Don't forget to get some left hand threaded Tekscrews for the LH side of the garage.  :Wink:

----------


## Uncle Bob

> Don't forget to get some left hand threaded Tekscrews for the LH side of the garage.

  Lol. Will I need a left handed screwdriver also? Might get some technicolour paint while I'm at it.

----------


## andy the pm

> Lol. Will I need a left handed screwdriver also? Might get some technicolour paint while I'm at it.

   And don't forget your sky hook, would have been handy for getting those purlins up!

----------


## Uncle Bob

> And don't forget your sky hook, would have been handy for getting those purlins up!

  Too right  :Smilie:

----------


## Bloss

Been a stop work on your job?

----------


## Uncle Bob

Nah, still going slowly. Got a little bit more done on the weekend. Will post photos later.

----------


## Uncle Bob

Like I've said, I might be rough, but I'm slow  :Smilie:

----------


## Godzilla73

Looking good Uncle Bob, 
The most rewarding part is when you stand back and look at the finished project... and wonder what to build with all the pieces left over... :Biggrin:

----------


## Wavenut

> Like I've said, I might be rough, but I'm slow

  Hi uncle bob, 
Are you owner building this? If so what kind of insurance do you need to hold to warrant it and for how long? Where in ACT did you complete the owner builders course?

----------


## Uncle Bob

> Hi uncle bob, 
> Are you owner building this?

  Yes   

> If so what kind of insurance do you need to  hold to warrant it and for how long?

  None and no idea. I would imagine it isn't necessary for a kitset shed?   

> Where in ACT did you complete the  owner builders course?

  The school of Hard Knox  :Smilie:

----------


## Uncle Bob

Getting right back on topic  :2thumbsup:  
The end of another weekends work (maybe 8 hours of fluffing around  :Smilie:  )  
I mentioned above somewhere how I deviated from the plan a bit and notched and recessed the end wall mullion as it was going to stick out too far. Here's a couple of shots showing how...

----------


## The Administration Team

> Getting right back on topic...

  There you go Uncle Bob, your thread has been cleaned and is now back on topic. 
Have a good weekend  :2thumbsup:

----------


## Bloss

Lookin' good!  :2thumbsup:

----------


## Wavenut

> There you go Uncle Bob, your thread has been cleaned and is now back on topic. 
> Have a good weekend

  Thanks guys - appreciated.  
Have a good weekend.

----------


## Uncle Bob

> There you go Uncle Bob, your thread has been cleaned and is now back on topic. 
> Have a good weekend

  Thanks Admin team (whoever that masked super hero is  :Smilie:  )

----------


## Gaza

Dam missed it 
Nice shed

----------


## Uncle Bob

A bit more done this weekend...  
The back wall is now complete.
For those paying attention, you might notice something's changed  :Shock:

----------


## Bloss

Ah you remembered where you need the door - I thought you might just move the path . . .  :Wink:

----------


## Uncle Bob

haha, something like that  :Wink:  
I did manage to cut one sheet reversed  :Doh:  Lucky I've got a spare, though it will need a join in it.

----------


## Uncle Bob

Another weekend done :/ and a little more progress..  
Where's Bloss these days?
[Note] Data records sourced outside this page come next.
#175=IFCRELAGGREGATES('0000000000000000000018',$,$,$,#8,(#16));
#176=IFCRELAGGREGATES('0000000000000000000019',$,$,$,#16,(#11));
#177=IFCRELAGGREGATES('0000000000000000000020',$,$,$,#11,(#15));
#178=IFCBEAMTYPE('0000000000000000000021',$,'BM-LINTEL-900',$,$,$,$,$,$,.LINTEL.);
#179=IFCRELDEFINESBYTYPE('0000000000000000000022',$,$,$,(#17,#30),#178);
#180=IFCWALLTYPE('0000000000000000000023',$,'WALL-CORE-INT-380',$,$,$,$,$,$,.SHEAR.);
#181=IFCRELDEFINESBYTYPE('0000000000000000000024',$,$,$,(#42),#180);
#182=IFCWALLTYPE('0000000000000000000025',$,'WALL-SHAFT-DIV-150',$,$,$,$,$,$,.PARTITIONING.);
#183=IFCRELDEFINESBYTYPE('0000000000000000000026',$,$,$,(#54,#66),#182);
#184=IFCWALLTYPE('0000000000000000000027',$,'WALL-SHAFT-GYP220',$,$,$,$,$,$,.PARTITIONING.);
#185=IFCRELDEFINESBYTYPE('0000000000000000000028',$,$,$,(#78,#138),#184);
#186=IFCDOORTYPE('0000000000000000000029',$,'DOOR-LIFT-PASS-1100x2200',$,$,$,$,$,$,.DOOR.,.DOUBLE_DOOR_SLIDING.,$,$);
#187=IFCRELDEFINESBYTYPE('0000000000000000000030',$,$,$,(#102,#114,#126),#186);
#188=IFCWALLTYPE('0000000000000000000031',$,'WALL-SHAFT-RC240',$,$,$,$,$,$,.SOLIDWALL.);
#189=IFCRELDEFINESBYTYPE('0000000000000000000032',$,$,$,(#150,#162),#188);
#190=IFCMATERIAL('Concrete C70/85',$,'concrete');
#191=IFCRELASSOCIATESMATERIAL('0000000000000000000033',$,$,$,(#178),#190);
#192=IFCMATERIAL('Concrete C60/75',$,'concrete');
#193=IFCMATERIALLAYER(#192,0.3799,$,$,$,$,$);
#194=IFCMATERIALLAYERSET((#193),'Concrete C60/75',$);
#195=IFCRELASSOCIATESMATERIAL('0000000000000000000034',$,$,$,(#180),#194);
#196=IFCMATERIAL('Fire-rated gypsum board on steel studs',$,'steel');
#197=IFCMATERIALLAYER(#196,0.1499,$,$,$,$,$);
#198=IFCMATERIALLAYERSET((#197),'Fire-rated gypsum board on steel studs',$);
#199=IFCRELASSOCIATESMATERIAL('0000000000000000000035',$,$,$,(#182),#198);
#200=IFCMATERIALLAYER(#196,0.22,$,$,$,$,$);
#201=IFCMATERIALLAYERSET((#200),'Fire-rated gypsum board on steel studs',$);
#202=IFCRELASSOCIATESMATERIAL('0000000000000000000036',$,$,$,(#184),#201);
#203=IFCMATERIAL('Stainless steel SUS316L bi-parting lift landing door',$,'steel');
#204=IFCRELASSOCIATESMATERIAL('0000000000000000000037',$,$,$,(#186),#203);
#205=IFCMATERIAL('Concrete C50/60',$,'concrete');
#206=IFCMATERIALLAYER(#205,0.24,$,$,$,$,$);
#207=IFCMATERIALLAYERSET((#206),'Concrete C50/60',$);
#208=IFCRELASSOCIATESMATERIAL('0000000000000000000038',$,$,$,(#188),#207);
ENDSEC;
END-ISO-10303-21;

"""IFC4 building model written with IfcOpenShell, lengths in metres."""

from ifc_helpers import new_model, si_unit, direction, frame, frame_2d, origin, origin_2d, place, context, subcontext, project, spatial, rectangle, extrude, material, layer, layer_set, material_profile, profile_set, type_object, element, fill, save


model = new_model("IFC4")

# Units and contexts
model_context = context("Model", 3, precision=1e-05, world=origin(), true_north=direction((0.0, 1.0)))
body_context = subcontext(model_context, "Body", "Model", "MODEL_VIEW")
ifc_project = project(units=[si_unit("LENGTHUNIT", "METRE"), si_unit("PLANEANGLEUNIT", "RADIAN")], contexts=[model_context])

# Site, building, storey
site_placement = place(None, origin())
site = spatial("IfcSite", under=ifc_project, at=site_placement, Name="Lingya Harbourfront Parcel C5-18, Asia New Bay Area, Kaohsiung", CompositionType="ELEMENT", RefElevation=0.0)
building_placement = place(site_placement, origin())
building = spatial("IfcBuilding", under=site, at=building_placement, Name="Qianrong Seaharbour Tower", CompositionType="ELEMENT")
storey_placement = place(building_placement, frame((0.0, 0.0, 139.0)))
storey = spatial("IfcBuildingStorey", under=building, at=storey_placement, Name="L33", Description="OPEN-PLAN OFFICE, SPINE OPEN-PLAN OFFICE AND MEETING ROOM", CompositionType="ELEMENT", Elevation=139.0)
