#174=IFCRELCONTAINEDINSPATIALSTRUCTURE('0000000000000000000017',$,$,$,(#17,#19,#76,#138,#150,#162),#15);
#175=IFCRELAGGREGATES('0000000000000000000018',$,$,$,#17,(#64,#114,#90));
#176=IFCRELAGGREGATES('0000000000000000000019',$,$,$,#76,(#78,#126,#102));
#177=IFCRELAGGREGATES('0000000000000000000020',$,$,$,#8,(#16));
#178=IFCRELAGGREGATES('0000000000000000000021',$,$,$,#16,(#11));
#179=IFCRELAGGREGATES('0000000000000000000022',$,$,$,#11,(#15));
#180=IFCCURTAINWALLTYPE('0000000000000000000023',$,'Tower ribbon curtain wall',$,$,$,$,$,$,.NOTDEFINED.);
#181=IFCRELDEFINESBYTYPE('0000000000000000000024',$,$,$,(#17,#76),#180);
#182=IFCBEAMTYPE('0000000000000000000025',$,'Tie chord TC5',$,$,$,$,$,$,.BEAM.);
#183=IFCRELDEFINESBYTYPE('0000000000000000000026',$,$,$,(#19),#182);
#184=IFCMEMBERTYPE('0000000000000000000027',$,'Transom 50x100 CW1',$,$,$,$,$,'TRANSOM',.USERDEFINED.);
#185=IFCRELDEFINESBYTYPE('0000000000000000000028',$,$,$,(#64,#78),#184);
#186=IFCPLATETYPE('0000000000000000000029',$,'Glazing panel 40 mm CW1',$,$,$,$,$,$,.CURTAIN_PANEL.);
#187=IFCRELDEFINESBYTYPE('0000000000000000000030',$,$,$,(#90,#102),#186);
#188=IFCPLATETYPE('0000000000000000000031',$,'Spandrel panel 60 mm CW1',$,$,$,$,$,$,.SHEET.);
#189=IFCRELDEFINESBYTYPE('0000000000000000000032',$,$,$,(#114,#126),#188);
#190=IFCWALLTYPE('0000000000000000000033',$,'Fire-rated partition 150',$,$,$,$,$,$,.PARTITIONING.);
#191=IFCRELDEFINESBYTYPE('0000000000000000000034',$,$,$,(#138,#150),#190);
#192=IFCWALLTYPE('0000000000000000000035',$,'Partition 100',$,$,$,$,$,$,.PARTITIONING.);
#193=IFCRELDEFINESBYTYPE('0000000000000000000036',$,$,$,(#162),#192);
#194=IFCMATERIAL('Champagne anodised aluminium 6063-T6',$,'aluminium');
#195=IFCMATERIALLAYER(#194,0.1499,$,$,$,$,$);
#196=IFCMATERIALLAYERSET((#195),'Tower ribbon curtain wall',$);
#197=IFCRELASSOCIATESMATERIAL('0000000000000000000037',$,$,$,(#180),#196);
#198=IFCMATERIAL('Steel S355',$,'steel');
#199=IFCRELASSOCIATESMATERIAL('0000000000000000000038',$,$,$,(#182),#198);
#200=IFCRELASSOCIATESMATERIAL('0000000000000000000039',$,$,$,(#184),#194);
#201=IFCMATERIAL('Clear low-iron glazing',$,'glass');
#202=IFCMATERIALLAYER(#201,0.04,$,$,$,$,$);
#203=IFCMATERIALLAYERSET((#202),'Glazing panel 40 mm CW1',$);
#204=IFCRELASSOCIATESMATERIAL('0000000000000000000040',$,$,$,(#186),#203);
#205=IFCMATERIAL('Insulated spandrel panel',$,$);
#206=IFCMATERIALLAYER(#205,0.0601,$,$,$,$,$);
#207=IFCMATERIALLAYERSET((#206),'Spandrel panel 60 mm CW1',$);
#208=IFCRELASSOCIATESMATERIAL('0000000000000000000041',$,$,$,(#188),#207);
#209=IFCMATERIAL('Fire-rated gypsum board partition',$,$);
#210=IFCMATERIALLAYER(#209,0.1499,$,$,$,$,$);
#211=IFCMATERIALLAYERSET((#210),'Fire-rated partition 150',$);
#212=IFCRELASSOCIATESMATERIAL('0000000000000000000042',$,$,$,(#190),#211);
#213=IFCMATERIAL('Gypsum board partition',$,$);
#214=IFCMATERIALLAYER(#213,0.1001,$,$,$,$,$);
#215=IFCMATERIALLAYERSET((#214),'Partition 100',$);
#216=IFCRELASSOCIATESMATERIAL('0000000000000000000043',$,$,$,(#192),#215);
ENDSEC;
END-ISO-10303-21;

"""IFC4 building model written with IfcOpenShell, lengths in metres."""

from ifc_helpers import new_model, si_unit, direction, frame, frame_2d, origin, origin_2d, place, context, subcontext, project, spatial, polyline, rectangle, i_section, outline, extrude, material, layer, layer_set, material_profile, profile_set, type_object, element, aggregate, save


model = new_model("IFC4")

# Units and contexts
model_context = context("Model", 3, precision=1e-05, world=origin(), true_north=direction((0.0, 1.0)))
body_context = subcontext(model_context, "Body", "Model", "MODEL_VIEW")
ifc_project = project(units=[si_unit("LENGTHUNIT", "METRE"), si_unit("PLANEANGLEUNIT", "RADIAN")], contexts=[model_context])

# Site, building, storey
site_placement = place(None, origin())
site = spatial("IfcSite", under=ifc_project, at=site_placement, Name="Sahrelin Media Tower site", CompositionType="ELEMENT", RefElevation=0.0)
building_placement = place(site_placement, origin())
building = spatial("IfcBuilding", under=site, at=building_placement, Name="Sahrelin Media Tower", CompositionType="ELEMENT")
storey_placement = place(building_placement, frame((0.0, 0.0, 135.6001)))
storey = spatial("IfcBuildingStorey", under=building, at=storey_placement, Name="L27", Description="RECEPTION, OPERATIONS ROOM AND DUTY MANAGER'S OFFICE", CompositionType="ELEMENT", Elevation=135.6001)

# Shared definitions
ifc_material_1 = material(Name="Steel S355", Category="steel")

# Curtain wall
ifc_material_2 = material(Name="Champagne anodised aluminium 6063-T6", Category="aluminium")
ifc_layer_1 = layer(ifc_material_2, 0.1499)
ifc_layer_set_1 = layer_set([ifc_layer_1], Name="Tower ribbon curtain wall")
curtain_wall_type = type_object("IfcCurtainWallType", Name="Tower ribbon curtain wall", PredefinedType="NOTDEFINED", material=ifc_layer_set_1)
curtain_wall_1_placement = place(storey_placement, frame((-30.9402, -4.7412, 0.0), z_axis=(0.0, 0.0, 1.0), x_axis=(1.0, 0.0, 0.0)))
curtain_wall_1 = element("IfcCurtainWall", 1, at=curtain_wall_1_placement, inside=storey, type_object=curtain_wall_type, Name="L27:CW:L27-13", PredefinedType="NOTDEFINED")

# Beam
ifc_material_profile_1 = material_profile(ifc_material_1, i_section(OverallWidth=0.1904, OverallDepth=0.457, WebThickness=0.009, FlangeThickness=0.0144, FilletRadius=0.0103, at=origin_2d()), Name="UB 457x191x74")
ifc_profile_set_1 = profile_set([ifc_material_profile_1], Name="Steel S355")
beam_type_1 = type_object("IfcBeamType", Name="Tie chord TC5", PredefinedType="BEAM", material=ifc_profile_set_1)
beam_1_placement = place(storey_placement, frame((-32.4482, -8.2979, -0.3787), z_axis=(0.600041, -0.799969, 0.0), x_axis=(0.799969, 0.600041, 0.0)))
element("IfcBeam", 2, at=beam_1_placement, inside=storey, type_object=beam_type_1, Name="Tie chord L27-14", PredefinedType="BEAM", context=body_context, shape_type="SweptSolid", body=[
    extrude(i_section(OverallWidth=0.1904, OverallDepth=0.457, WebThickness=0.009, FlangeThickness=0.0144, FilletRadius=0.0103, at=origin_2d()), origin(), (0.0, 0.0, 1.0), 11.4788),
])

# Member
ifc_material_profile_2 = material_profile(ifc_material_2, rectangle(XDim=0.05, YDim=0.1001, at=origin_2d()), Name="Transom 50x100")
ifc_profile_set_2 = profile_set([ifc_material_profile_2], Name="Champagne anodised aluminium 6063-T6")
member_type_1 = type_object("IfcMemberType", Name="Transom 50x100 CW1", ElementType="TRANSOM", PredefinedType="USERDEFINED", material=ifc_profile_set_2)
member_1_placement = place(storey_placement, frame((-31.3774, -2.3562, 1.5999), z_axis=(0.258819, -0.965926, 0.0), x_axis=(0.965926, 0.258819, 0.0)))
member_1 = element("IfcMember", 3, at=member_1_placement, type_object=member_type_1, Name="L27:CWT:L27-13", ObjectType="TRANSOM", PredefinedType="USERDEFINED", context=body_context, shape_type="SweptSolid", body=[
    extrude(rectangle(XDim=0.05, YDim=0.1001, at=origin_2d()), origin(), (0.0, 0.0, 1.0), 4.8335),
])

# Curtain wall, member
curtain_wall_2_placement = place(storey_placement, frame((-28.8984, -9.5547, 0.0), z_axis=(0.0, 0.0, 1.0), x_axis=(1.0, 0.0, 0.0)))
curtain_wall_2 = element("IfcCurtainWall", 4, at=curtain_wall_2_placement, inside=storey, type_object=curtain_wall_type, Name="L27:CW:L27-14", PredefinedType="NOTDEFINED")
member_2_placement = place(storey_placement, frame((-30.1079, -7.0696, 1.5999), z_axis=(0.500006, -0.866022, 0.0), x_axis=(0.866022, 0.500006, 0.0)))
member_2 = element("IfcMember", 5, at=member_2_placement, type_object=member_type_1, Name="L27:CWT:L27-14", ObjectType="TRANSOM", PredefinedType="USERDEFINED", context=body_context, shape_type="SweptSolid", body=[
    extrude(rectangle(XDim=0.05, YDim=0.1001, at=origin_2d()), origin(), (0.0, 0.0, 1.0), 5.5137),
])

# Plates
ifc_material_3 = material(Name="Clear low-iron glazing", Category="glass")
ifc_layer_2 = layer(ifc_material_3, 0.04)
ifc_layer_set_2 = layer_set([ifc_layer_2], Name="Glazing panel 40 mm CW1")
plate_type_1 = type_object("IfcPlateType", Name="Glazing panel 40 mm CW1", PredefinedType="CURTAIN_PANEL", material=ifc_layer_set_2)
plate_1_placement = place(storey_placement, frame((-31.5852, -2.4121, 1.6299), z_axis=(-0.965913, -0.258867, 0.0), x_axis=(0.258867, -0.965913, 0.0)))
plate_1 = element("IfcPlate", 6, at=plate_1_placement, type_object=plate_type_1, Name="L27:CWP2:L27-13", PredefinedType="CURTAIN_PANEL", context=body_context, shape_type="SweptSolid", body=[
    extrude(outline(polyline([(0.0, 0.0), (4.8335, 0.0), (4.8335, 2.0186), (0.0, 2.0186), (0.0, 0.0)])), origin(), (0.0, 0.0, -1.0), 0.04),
Hope ya'll alright mate. 
A word of advice for those contemplating building a shed, go for the lowest angle you can. This shed has a 22.5 deg angled roof and isn't fun getting around, especially initially.

----------


## Bloss

Been on a one week break - no cell phones and erratic net access - bliss!  :2thumbsup:  
Make sure you tape up the insulation along those joins as it will improve the performance and stop any condensation getting through too. The steeper roof angle might be a PITA as you build, but makes for a better shed in use.

----------


## Uncle Bob

Not too far to go now...  
Gotta finish screwing that roof down before it gets too windy  :Shock:

----------


## Bedford

Looking good Uncle Bob. 
I see you've got the heater and barrow to cart away the empties, but where's the fridge??  :Smilie:

----------


## Uncle Bob

I'm in Canberra remember. This time of year the shed is a fridge  :Wink:

----------


## Bloss

> I'm in Canberra remember. This time of year the shed is a fridge

   :What he said:   :Smilie:  Canberra Forecast

----------


## Swerve

Looking good, I replaced about 20m2 of poly carb roof sheeting once, that was bad enough, hats of to you. Keep going I need an update

----------


## Uncle Bob

> Looking good, I replaced about 20m2 of poly carb roof sheeting once, that was bad enough, hats of to you. Keep going I need an update

  Better late than never  :Smilie: 
Anyway, the shed is nearly complete after a few years on and off. OK, mainly off  :Wink:  
Here's some pics of what I've been up to. 
Here is my Visio drawing of my plan:   
Framing going up:   
Another view after the sparky did his thing:   
The insulation mainly in and the broken "pain" of glass in the ranch slider (there goes the respect of the neighbours and ~$500)   
First (and last) ever attempt at plastering. Also another swearing episode leaning on the back wall (happened after cutting the sheet to size).     
Nearly finished now:

----------


## phild01

Oh man, nice shed...you could live in there :Smilie:

----------


## Uncle Bob

> Oh man, nice shed...you could live in there

  Thanks Phil. It could be a nice dog box  :Smilie:  
I did make a few mistakes along the way.
The biggest one was listening to the bloke at Green Shed when he said use plasterboard, it's the cheapest and easiest. I should've thought it thru a bit more and stuck with my original plan to line it with ply or chip/custom board. All the extra effort with stopping and the expense of stop, tapes and necessary tools probably made it around the same cost, let alone all the extra time taken to do the stopping.

----------


## phild01

Maybe selectively place the odd sheet of yellow tongue, or ply, for work areas that need tool hanging or shelving.

----------


## turnstiles

Nice job there Uncle Bob! Good work.

----------


## Uncle Bob

Thanks turnstiles. How's your build coming along?

----------


## werkag

> ...It could be a nice dog box

  Hi, Uncle Bob 
No doubt. It is too luxurious for people!  :Smilie:

----------


## Bedford

Well done Uncle, looks great!! 
Lotta deleted posts in this thread from memory. :Biggrin:

----------


## ringtail

Hmmmm, I can't see much "work" happening in that pretty space UB  :Tongue:

----------


## Marc

What? It's not ALL work area???  :Yikes2:

----------


## Uncle Bob

> Hi, Uncle Bob 
> No doubt. It is too luxurious for people!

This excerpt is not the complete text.